He drew back his blade, and she saw a few grains of black powder on the sleek blade. “He has piled boxes outside the door. They are filled with gunpowder; I made a small crack in one. I think he has been rifling the fireworks display. If I force the door, the impact might well cause the powder to explode.”
“How on earth did you guess?”
“His comment about not missing the show . . .and throughout his career, he has displayed a devious mind.”
She imagined the stone walls flying apart, spewing stones at them, and she shuddered. “Then don’t touch the door, by all means. We must simply stay here until someone finds that we are missing,” she said. “They will notice, sooner or later.”

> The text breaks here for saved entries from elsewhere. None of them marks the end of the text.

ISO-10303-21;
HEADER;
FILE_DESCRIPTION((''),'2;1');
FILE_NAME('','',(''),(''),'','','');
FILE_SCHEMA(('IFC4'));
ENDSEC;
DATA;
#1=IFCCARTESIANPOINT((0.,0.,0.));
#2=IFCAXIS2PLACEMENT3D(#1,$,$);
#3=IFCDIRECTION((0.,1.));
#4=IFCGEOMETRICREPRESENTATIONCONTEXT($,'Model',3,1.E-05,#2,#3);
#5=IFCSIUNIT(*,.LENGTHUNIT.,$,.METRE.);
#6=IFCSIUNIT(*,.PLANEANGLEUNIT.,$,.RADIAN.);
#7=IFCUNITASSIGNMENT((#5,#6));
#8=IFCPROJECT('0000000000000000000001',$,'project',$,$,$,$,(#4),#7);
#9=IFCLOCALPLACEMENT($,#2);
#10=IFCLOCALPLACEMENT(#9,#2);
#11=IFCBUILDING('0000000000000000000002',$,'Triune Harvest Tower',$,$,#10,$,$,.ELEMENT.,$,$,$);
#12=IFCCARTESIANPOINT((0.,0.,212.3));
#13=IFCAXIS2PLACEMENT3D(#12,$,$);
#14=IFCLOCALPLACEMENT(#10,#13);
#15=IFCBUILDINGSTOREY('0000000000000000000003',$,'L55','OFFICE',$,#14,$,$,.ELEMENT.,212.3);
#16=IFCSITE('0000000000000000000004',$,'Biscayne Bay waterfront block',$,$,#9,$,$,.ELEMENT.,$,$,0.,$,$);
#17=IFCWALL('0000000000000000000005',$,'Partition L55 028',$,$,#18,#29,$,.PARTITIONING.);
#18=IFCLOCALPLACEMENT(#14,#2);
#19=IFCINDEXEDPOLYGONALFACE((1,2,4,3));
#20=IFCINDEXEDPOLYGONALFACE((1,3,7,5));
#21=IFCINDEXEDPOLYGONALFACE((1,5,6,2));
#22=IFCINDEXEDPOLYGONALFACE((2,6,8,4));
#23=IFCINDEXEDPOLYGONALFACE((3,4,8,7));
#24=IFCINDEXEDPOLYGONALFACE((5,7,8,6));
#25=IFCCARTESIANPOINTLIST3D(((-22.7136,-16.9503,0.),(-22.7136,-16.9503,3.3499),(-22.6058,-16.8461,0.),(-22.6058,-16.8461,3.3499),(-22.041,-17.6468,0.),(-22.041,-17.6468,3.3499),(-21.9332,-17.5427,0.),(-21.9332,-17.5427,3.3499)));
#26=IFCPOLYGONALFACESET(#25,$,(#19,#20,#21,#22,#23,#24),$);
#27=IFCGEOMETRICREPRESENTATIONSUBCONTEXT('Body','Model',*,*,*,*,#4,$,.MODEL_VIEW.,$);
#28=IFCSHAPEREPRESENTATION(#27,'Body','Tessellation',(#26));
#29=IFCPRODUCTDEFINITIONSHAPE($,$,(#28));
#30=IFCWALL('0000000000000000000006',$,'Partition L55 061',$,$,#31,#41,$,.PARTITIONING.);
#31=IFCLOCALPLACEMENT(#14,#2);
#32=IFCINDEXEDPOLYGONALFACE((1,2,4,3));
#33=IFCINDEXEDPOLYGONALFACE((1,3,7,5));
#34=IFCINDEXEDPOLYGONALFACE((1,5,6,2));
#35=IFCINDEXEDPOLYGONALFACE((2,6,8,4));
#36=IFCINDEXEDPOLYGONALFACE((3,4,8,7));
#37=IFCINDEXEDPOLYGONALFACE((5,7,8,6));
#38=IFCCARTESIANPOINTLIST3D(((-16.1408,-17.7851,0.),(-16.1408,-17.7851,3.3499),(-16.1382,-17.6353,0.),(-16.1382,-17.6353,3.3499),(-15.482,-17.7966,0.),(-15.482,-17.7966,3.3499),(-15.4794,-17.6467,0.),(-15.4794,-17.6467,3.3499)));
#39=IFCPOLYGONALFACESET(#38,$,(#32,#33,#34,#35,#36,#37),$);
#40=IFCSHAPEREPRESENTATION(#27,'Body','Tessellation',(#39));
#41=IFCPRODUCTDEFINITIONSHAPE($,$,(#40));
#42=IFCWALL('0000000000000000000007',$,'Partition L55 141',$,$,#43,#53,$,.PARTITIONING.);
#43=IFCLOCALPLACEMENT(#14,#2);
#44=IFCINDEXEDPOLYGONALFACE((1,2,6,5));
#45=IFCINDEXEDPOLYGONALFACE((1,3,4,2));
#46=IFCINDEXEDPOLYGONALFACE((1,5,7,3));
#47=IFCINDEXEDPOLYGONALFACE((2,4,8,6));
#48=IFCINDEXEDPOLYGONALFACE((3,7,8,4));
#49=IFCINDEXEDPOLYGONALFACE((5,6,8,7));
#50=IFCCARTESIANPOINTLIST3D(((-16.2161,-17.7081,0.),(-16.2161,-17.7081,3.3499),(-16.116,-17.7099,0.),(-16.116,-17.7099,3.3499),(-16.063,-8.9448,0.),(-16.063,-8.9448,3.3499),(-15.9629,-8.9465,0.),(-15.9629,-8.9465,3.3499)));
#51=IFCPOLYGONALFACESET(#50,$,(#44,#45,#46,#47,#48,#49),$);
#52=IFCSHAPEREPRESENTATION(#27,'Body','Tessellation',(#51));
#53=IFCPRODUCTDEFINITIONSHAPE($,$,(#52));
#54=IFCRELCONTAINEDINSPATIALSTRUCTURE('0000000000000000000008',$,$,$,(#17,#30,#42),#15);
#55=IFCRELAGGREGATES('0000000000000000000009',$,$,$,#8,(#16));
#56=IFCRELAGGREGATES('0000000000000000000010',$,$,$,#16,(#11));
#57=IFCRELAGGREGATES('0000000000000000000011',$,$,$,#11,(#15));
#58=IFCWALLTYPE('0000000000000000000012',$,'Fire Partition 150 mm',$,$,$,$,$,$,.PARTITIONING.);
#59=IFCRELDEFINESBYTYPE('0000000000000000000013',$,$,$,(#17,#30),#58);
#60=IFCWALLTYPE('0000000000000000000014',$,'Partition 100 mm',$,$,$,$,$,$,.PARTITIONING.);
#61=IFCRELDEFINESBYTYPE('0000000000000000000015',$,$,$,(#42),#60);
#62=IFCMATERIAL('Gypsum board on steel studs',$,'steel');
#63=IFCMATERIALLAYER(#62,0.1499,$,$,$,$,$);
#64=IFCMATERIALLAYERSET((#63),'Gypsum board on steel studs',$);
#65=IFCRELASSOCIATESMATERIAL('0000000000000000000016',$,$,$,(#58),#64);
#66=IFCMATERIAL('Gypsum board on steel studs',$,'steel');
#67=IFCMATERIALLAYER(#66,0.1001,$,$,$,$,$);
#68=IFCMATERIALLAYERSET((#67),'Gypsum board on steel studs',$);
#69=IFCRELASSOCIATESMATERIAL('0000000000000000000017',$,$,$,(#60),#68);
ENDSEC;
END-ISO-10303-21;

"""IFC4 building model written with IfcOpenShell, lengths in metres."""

from ifc_helpers import new_model, si_unit, direction, frame, frame_2d, origin, place, context, subcontext, project, spatial, rectangle, extrude, source, transform, mapped, material, layer, layer_set, type_object, element, save


model = new_model("IFC4")

# Units and contexts
model_context = context("Model", 3, precision=1e-05, world=origin(), true_north=direction((0.0, 1.0)))
body_context = subcontext(model_context, "Body", "Model", "MODEL_VIEW")
ifc_project = project(units=[si_unit("LENGTHUNIT", "METRE"), si_unit("PLANEANGLEUNIT", "RADIAN")], contexts=[model_context])

# Site, building, storey
site_placement = place(None, origin())
site = spatial("IfcSite", under=ifc_project, at=site_placement, Name="Biscayne Bay waterfront block", CompositionType="ELEMENT", RefElevation=0.0)
building_placement = place(site_placement, origin())
building = spatial("IfcBuilding", under=site, at=building_placement, Name="Triune Harvest Tower", CompositionType="ELEMENT")
storey_placement = place(building_placement, frame((0.0, 0.0, 212.3)))
storey = spatial("IfcBuildingStorey", under=building, at=storey_placement, Name="L55", Description="OFFICE", CompositionType="ELEMENT", Elevation=212.3)

# Shared definitions
ifc_material_1 = material(Name="Gypsum board on steel studs", Category="steel")
ifc_layer_1 = layer(ifc_material_1, 0.1499)
ifc_layer_set_1 = layer_set([ifc_layer_1], Name="Gypsum board on steel studs")
wall_type_1 = type_object("IfcWallType", Name="Fire Partition 150 mm", PredefinedType="PARTITIONING", material=ifc_layer_set_1)

# Walls
ifc_material_2 = material(Name="Gypsum board on steel studs", Category="steel")
ifc_layer_2 = layer(ifc_material_2, 0.1001)
ifc_layer_set_2 = layer_set([ifc_layer_2], Name="Gypsum board on steel studs")
wall_type_2 = type_object("IfcWallType", Name="Partition 100 mm", PredefinedType="PARTITIONING", material=ifc_layer_set_2)
shared_shape_1 = source(origin(), body_context, "Body", "SweptSolid", [
    extrude(rectangle(XDim=0.9683, YDim=0.1499, at=frame_2d((0.4841, 0.0))), origin(), (0.0, 0.0, 1.0), 3.3499),
])
wall_1_placement = place(storey_placement, frame((-22.6597, -16.8982, 0.0), z_axis=(0.0, 0.0, 1.0), x_axis=(0.694644, -0.719354, 0.0)))
element("IfcWall", 1, at=wall_1_placement, inside=storey, type_object=wall_type_1, Name="Partition L55 028", PredefinedType="PARTITIONING", context=body_context, shape_type="MappedRepresentation", body=[
    mapped(shared_shape_1, transform((0.0, 0.0, 0.0), scale=1.0)),
])
shared_shape_2 = source(origin(), body_context, "Body", "SweptSolid", [
    extrude(rectangle(XDim=0.6589, YDim=0.1499, at=frame_2d((0.3296, 0.0))), origin(), (0.0, 0.0, 1.0), 3.3499),
])
wall_2_placement = place(storey_placement, frame((-16.1396, -17.7102, 0.0), z_axis=(0.0, 0.0, 1.0), x_axis=(0.999848, -0.017411, 0.0)))
element("IfcWall", 2, at=wall_2_placement, inside=storey, type_object=wall_type_1, Name="Partition L55 061", PredefinedType="PARTITIONING", context=body_context, shape_type="MappedRepresentation", body=[
    mapped(shared_shape_2, transform((0.0, 0.0, 0.0), scale=1.0)),
])
shared_shape_3 = source(origin(), body_context, "Body", "SweptSolid", [
    extrude(rectangle(XDim=8.7646, YDim=0.1001, at=frame_2d((4.3823, 0.0))), origin(), (0.0, 0.0, 1.0), 3.3499),
])
wall_3_placement = place(storey_placement, frame((-16.166, -17.709, 0.0), z_axis=(0.0, 0.0, 1.0), x_axis=(0.017465, 0.999847, 0.0)))
element("IfcWall", 3, at=wall_3_placement, inside=storey, type_object=wall_type_2, Name="Partition L55 141", PredefinedType="PARTITIONING", context=body_context, shape_type="MappedRepresentation", body=[
    mapped(shared_shape_3, transform((0.0, 0.0, 0.0), scale=1.0)),
])

save(model, "model.ifc")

It seemed a sensible suggestion. Why did he look so grim? She raised her brows in inquiry and waited. In a moment, he answered slowly.

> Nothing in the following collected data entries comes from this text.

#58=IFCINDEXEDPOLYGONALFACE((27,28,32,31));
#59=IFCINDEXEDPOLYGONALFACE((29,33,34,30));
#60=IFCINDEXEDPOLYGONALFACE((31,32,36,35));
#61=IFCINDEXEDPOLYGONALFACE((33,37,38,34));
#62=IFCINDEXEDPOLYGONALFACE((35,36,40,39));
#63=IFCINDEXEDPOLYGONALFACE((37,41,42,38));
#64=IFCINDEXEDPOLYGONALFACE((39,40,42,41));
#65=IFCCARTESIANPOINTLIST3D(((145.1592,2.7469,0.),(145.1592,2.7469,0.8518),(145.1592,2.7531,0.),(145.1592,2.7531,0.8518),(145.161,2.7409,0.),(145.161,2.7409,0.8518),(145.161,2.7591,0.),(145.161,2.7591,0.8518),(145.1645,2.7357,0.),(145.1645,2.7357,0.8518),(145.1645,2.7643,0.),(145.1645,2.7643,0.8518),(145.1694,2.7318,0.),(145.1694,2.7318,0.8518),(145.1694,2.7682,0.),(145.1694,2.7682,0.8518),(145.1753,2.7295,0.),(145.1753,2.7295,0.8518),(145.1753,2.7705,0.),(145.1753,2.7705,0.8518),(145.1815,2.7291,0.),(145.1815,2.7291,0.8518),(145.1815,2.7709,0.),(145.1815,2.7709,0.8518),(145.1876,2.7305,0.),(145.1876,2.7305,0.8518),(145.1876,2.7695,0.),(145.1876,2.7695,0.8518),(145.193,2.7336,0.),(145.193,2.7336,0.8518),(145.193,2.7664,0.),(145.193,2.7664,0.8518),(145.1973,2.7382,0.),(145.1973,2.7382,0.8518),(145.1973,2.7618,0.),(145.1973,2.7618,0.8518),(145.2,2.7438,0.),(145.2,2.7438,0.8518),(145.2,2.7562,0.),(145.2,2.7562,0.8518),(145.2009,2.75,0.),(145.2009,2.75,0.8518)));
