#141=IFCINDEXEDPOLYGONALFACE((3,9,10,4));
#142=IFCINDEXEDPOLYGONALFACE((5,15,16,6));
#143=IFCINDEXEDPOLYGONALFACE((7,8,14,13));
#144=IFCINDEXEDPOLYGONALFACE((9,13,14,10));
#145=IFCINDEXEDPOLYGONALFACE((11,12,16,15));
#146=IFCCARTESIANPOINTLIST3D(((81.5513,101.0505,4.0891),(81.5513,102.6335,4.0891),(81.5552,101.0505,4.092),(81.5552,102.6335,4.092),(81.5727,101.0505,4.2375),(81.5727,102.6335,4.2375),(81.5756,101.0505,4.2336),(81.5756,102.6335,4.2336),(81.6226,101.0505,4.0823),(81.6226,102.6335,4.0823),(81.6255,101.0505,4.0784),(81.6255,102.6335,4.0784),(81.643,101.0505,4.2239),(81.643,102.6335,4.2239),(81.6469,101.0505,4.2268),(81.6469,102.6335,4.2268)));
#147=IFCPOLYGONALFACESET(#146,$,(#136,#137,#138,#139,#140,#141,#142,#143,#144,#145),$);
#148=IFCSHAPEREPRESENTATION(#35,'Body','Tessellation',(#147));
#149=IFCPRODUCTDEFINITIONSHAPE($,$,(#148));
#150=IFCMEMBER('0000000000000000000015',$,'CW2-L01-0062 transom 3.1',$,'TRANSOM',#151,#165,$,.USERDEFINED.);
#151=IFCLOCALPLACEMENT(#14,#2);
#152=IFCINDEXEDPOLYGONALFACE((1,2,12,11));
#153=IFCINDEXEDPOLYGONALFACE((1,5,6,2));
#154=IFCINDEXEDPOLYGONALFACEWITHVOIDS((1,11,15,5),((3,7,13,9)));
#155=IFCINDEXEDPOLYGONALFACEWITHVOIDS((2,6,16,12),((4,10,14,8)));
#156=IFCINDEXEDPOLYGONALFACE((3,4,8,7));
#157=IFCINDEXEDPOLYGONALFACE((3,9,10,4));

“If it is later, it may be too late, indeed,” the earl pointed out. “I fear that our master villain has not left our fate to chance. I suspect he has a fuse attached to the boxes.”
“A fuse?” She found that her voice squeaked and tried to clear her throat. “I don’t understand. I fear I’ve never seen a fireworks display. I was quite looking forward to my first one.”
He looked away for a moment. “They put the fireworks on long fuses, my dear, so that one leads to another. Think of it as a rapidly burning candle, though it is usually only wick. One firework ignites, then another, then a cascade of explosions will follow. Unless the men who set up the display are very vigilant—and they arranged it all this morning in the daylight—I’m not sure anyone will remark on what he has done.”
“But surely they would have left someone to watch over the display?” she argued.
The earl didn’t answer, and she had a vision of the tutor, with his wicked blade and his servant’s disguise sidling up to the workman with an offer of food or drink. Did another victim lie bleeding somewhere in the dark?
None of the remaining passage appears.